Em sua primeira viagem, a comissão externa que investiga a morte de crianças INDÍGENAS por desnutrição em Mato Grosso e Mato Grosso do Sul visitou hoje centros de recuperação, hospitais e aldeias de Dourados (MS). Os deputados também reuniram-se com lideranças INDÍGENAS, autoridades, especialistas e médicos.
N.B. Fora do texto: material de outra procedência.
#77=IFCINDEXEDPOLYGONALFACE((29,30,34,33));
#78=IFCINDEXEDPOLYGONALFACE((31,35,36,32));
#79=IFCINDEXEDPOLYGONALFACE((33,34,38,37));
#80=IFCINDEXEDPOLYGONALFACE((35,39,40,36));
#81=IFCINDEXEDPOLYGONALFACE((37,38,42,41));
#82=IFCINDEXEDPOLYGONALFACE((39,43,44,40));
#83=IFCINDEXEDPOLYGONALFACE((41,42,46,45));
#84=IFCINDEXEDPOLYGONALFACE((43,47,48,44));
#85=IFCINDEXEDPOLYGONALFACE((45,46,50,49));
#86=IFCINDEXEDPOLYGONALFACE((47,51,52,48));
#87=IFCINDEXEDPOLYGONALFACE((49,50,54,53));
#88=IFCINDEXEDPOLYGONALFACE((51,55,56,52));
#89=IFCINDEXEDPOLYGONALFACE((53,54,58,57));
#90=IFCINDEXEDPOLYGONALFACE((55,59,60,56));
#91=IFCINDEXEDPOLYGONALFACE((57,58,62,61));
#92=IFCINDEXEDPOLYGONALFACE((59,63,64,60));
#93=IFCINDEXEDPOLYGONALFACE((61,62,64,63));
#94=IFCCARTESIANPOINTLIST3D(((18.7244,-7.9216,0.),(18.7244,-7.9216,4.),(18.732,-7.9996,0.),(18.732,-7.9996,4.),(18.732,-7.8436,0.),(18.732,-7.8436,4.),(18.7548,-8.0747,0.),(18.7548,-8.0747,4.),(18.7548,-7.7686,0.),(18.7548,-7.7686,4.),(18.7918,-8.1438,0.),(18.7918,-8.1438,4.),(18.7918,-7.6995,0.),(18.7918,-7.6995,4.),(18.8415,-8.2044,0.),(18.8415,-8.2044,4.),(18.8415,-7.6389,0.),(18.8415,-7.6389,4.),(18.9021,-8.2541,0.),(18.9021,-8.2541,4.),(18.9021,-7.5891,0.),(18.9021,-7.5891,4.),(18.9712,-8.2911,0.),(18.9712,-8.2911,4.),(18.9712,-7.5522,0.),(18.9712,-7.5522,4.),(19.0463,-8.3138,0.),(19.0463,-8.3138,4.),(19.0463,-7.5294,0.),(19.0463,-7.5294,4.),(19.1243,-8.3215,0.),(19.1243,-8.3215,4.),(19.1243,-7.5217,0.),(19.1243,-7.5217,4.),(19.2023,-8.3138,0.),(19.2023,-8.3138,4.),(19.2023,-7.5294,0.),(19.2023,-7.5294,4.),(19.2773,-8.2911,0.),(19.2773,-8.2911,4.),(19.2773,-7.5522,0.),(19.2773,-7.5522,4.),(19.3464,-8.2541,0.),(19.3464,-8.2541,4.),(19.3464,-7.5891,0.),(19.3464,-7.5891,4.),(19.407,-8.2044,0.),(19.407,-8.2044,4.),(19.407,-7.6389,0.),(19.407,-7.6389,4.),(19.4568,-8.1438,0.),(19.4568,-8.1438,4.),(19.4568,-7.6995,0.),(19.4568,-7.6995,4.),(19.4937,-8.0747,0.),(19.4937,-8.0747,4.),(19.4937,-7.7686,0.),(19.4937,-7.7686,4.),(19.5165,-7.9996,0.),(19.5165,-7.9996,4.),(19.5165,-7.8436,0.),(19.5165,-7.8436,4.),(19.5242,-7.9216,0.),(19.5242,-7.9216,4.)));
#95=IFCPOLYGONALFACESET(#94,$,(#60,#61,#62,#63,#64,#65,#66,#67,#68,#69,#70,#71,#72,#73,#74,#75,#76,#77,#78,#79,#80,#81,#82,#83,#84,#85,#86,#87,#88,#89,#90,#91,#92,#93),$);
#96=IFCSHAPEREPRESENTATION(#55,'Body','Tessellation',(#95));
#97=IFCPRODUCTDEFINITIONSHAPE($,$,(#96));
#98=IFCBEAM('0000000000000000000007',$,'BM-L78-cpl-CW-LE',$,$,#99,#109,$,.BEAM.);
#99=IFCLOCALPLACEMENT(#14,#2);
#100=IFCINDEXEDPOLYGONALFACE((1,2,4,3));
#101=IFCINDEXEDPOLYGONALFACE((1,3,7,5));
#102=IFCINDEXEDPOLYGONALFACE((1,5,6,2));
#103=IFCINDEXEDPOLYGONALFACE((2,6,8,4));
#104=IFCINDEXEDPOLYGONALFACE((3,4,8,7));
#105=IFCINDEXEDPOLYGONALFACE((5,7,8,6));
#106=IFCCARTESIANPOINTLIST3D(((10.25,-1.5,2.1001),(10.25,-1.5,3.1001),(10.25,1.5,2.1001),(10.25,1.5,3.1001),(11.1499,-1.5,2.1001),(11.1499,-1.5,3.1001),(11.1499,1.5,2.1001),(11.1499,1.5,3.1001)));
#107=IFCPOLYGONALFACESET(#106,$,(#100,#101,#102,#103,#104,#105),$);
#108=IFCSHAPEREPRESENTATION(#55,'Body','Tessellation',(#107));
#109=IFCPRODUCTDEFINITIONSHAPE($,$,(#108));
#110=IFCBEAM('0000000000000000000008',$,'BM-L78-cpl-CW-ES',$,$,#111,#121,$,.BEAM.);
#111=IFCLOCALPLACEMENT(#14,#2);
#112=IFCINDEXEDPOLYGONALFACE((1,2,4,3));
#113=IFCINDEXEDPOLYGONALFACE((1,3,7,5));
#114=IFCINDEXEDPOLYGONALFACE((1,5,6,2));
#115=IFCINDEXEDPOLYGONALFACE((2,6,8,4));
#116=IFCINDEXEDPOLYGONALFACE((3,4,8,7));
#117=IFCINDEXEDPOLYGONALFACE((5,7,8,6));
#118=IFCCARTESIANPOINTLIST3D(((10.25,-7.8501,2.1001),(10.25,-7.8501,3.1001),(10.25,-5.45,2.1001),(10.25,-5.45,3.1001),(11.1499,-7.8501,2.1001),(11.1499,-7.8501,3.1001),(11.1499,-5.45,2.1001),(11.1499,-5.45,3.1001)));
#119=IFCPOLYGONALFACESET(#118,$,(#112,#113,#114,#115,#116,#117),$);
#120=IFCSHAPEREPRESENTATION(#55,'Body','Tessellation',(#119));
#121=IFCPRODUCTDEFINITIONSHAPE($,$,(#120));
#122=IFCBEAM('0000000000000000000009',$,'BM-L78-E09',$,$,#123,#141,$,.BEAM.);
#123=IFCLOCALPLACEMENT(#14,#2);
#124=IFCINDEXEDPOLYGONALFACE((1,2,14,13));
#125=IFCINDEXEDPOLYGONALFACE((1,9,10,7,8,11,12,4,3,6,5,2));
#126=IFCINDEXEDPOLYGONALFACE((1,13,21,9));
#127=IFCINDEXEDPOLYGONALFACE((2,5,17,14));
Os encontros forneceram subsídios para as audiências públicas que serão realizadas amanhã, em Dourados, e na quarta-feira (23), em Campo Grande.
O presidente da Comissão, deputado Geraldo Resende (PPS-MS) quer apresentar diagnóstico da situação, levantar as responsabilidades pelo quadro atual e apontar possíveis soluções que garantam melhores condições de vida para as comunidades INDÍGENAS.
O deputado avisa que a situação é muito complexa e pode levar a múltiplas conclusões e saídas. "Para isso, queremos ouvir lideranças INDÍGENAS, antropólogos e responsáveis pelos programas de saúde, além da própria comunidade", afirmou. "Ninguém neste momento tem condições de apresentar uma solução pronta, principalmente para a reserva indígena Jaguapiru e Bororó, em Dourados".

Taxa alta
Somente neste ano, 12 crianças INDÍGENAS morreram em Dourados. A taxa de mortalidade infantil entre as tribos da região está muito acima da brasileira, que já é considerada alta.
Por causa das mortes, a Fundação Nacional de Saúde (Funasa) examinou 2,3 mil crianças menores de 5 anos nas aldeias de Mato Grosso do Sul. Dentre elas, 20% apresentavam algum tipo de problema, como desnutrição.
Em Brasília, os parlamentares da Comissão ouviram, na semana passada, o depoimento dos presidentes da Funasa, Valdi Camárcio; e da Fundação Nacional do Índio (Funai), Mércio Pereira Gomes.